Back in the day, businesses had to do a lot of strategic guessing or bank on lady luck to see if certain campaigns would work out or not. Marketing teams struggled to keep up with trends and it was difficult to foresee or understand what the consumer wanted.
The digital era has enabled markers to finally have all the data they need to fully engage with the consumer.
The only problem – the sheer amount of data is overwhelming and incredibly extensive.
Big data, simply put, is extremely large and complex data sets, so voluminous that traditional data processing software cannot manage them.
But why is it so important?
Big data analytics has enabled millions of organizations to identify new opportunities using the insights harnessed from today’s huge data resources. This has led to more efficient operations, smarter use of resources, higher profits and of course, happier customers.
Big data can serve to deliver benefits in surprising areas. One example can be found in the fashion industry.
Data analytics may not be new to the industry, but the real revolution lies in the way data is now becoming available and utilized by these fashion companies. The emergence of COVID-19 has presented a major challenge to the fashion industry. Traditional brick and mortar stores have suffered from decreased footfall to shopping areas, and a consequent drop in sales as well, as a result of social distance measures/lockdowns. To counter this, many stores have set up online storefronts to ensure that customers can still reach them, coupled with sales and discounts.
Here are the case studies of 2 leading fashion brands and how they have used the data gleaned from online sales, or other digital strategies they have employed, to help them stay competitive in the market.
How ZARA uses market-based analysis to create higher turnover rates and demand from consumers.
Traditionally, retailers would do their best to estimate demand for the different Stock-Keeping units (SKU) based on industry experts’ opinions. Models that sold well would quickly be out of stock, and models that didn’t sell as well would have large inventories and later on be discounted.
To counter this, Zara has since adopted market-based analysis to find out what products appeal most to our customers and what they might buy in the future. This method employs unsupervised learning, meaning that it learns what customers like based on the frequency of their purchases. So instead of ordering the bulk of the quantity for the season, Zara only orders a small amount of merchandise. Once the merchandise hits the stores, Zara collects sales data and analyzes each SKU’s sales against supply. Zara uses these insights to guide their following orders, and design and manufacture models that have the most popular features to satisfy demand. Instead of replenishing products that get sold-out, Zara instead creates new styles and looks, reducing the need for markdown of prices.
How ASOS uses big data analytics to tailored clothing pieces to each individual consumer.
In the past few years, ASOS has launched a number of personalised recommendation services which use a machine learning technique known as clustering. Clustering discovers interesting patterns in data, such as groups of customers based on their behaviour. On ASOS’s website and mobile app, you can find
Style Match which shows customers, products that are similar to the ones they have bought or are currently browsing.

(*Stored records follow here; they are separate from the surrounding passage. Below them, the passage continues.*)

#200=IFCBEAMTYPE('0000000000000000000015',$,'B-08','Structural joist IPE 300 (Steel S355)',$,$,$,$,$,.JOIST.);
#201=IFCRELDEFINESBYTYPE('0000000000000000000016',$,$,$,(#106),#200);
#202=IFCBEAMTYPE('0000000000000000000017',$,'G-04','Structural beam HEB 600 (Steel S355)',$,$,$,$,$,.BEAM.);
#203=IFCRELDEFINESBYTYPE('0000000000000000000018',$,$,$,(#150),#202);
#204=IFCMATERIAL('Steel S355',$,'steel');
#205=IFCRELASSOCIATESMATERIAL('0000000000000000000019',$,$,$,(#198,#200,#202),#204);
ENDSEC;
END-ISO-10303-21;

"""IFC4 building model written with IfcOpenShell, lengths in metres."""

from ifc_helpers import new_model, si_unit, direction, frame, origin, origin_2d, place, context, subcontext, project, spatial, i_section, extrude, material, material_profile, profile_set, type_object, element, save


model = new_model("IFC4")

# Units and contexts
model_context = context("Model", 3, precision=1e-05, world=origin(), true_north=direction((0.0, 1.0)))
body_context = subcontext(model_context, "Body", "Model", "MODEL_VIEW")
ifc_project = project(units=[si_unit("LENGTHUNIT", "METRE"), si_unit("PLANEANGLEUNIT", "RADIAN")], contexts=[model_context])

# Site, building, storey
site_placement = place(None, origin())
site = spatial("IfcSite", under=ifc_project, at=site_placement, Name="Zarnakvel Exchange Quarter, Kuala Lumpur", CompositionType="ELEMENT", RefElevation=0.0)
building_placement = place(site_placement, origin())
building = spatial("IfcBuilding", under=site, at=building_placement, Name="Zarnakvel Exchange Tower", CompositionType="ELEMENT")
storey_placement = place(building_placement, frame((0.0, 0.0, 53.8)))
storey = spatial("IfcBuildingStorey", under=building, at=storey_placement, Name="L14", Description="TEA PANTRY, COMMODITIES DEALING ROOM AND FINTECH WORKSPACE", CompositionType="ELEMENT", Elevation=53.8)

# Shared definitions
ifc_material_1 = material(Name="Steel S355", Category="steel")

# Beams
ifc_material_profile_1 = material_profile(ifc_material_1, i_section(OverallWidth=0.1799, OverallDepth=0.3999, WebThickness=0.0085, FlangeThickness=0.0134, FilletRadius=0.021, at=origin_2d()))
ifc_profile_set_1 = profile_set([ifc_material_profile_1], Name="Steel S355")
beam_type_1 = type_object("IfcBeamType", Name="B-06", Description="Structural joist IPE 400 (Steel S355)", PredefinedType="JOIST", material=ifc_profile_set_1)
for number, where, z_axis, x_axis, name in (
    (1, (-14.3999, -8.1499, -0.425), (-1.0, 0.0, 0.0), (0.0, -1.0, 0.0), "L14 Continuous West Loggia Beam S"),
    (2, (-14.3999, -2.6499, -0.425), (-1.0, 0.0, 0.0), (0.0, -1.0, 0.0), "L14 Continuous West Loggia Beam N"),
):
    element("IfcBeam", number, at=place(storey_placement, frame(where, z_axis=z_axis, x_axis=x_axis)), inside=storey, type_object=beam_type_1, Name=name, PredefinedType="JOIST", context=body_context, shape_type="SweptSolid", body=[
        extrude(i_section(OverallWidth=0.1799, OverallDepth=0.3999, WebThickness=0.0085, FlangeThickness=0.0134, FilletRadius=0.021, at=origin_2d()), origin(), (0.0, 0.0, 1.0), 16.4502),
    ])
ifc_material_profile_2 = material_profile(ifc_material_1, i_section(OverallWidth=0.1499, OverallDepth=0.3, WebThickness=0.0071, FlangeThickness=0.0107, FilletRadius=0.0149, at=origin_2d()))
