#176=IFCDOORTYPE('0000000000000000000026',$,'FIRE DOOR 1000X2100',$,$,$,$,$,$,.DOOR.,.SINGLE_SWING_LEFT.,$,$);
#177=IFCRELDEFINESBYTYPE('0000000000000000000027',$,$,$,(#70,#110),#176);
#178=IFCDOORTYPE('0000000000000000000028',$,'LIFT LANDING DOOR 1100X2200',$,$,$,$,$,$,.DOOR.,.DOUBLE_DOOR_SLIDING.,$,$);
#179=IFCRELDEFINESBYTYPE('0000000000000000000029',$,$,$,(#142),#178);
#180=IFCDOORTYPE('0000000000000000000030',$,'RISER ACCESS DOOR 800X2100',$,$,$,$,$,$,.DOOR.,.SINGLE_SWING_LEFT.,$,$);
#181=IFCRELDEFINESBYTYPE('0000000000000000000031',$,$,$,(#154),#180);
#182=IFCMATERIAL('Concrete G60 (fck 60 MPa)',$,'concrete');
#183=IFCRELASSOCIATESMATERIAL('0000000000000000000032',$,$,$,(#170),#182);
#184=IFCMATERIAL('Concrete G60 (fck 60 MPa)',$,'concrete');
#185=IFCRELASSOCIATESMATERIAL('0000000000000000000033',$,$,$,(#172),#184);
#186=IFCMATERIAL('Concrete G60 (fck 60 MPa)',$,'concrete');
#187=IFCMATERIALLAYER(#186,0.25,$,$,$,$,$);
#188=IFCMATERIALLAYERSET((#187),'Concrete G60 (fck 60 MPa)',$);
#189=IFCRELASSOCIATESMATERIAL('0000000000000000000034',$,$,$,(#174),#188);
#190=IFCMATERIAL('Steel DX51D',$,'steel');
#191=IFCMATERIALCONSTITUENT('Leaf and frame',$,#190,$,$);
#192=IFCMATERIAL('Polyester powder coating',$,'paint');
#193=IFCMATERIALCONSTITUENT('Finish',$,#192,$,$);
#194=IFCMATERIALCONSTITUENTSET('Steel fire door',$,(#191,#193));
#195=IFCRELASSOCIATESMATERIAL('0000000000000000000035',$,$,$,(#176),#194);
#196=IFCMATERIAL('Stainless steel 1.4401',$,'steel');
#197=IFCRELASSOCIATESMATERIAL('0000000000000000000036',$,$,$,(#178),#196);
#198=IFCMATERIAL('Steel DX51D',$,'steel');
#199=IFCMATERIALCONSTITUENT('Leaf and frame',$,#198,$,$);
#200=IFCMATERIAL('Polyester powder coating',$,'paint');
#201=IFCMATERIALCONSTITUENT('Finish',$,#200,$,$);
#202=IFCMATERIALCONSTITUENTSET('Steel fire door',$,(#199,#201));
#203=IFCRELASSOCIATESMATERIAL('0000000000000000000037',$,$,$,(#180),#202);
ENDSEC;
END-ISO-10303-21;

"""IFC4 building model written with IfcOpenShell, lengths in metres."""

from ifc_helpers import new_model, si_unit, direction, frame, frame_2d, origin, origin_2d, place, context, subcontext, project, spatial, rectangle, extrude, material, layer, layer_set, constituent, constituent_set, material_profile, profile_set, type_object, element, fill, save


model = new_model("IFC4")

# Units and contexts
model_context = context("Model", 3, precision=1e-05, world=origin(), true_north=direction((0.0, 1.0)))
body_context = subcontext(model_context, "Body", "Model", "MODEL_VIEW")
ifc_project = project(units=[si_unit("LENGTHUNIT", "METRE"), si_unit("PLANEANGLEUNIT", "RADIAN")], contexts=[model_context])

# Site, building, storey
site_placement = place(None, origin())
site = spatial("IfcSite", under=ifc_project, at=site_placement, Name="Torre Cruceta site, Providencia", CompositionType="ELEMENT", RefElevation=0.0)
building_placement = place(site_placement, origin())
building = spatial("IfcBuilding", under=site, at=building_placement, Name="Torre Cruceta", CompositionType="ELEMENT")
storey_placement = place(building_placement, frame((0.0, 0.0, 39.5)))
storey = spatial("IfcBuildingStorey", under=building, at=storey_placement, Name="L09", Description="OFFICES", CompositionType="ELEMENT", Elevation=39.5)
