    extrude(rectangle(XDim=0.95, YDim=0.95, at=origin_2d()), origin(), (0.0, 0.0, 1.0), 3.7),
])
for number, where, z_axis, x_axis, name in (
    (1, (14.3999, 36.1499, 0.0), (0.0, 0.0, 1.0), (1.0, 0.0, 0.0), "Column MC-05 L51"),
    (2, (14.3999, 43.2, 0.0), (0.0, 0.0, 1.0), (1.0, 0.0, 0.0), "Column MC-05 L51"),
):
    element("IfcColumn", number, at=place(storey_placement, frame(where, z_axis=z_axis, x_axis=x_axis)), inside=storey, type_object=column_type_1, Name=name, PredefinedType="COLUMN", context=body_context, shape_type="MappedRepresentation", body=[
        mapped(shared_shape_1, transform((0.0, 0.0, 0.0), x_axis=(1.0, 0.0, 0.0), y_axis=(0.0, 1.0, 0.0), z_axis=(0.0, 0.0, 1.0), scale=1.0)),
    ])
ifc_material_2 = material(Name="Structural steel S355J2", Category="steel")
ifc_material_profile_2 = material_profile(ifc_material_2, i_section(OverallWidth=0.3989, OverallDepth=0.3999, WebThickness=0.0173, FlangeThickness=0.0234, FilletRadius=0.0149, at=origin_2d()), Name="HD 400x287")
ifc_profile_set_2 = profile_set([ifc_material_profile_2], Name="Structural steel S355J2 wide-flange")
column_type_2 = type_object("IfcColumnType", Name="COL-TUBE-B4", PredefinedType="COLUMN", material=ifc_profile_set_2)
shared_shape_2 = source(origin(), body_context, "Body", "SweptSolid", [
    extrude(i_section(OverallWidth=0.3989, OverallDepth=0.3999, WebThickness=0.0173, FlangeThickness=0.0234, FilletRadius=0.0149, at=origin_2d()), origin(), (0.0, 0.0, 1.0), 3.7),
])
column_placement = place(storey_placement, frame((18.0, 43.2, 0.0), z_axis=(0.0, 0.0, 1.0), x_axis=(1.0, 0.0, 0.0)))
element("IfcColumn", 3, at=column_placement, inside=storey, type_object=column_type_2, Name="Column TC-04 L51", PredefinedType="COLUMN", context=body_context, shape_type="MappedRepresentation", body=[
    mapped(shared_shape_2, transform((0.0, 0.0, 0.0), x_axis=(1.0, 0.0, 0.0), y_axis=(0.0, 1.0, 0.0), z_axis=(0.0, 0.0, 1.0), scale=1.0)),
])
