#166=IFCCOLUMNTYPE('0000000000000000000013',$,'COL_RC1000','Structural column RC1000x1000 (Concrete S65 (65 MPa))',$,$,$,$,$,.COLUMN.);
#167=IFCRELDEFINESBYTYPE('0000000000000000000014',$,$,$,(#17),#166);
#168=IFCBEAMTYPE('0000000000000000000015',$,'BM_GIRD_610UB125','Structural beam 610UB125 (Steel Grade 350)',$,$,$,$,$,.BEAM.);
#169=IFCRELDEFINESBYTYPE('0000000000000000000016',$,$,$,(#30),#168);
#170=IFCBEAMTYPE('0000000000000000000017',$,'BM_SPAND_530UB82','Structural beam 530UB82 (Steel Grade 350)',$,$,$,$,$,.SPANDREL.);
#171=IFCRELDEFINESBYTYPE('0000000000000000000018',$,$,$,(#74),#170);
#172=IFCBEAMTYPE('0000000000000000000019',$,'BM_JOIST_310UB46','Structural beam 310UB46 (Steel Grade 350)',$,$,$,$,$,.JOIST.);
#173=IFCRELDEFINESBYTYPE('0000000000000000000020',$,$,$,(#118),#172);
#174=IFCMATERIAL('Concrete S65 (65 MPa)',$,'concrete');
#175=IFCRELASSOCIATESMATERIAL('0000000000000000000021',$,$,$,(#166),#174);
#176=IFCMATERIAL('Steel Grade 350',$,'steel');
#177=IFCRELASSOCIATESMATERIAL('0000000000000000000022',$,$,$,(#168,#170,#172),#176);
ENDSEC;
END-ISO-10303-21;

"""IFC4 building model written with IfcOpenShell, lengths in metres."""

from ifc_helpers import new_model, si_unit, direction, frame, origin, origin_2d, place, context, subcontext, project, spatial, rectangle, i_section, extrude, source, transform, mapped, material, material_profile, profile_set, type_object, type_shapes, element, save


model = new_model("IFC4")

And Your Edit: which shows products that we thinks customers might like;
ASOS’s algorithm will recommend you with products that have been purchased earlier by other customers with similar market baskets, thereby providing customers with personalised recommendations. This is one of ASOS’s most important tools because it enables us to sieve out what a particular customer might like amongst our many products, reducing the chance of them leaving the site in frustration and improving the chance of a purchase happening.
ASOS has also recently launched their very own size recommendation tool called Fit assistance. The thing about the fashion industry is that there isn’t a universally-standardised size chart, so this makes finding the right size online even harder, because customers don’t have the luxury of trying it on. To solve this, ASOS has developed a sizing tool called fit assistance which was created in collaboration with the team at Fit Analytics. So ASOS shoppers take a small quiz which tells us their height, weight, age, general body proportions and also their fit preferences. ASOS then compares your data with the data of shoppers like you to generate a size recommendation.
We can all agree that there is nothing more frustrating when you receive a really cute but ill-fitting product. So Fit Assistance has allowed us to reduce the percentage of returned items per order due to incorrect sizing, thereby increasing customer satisfaction as well as sales revenue.
What does this all mean?
As the internet evolves, we must too. Big data has since become a potent tool when it comes to the online marketing world because it captures insights into our customers at a level of detail never thought possible before. As Geoffrey Moore, author of best-selling book Crossing the Chasm: Marketing, tweeted in 2012
“Without big data analytics, companies are blind and deaf, wandering out onto the Web like deer on a freeway.”
It may have been an exaggeration back then, but a universal truth right now.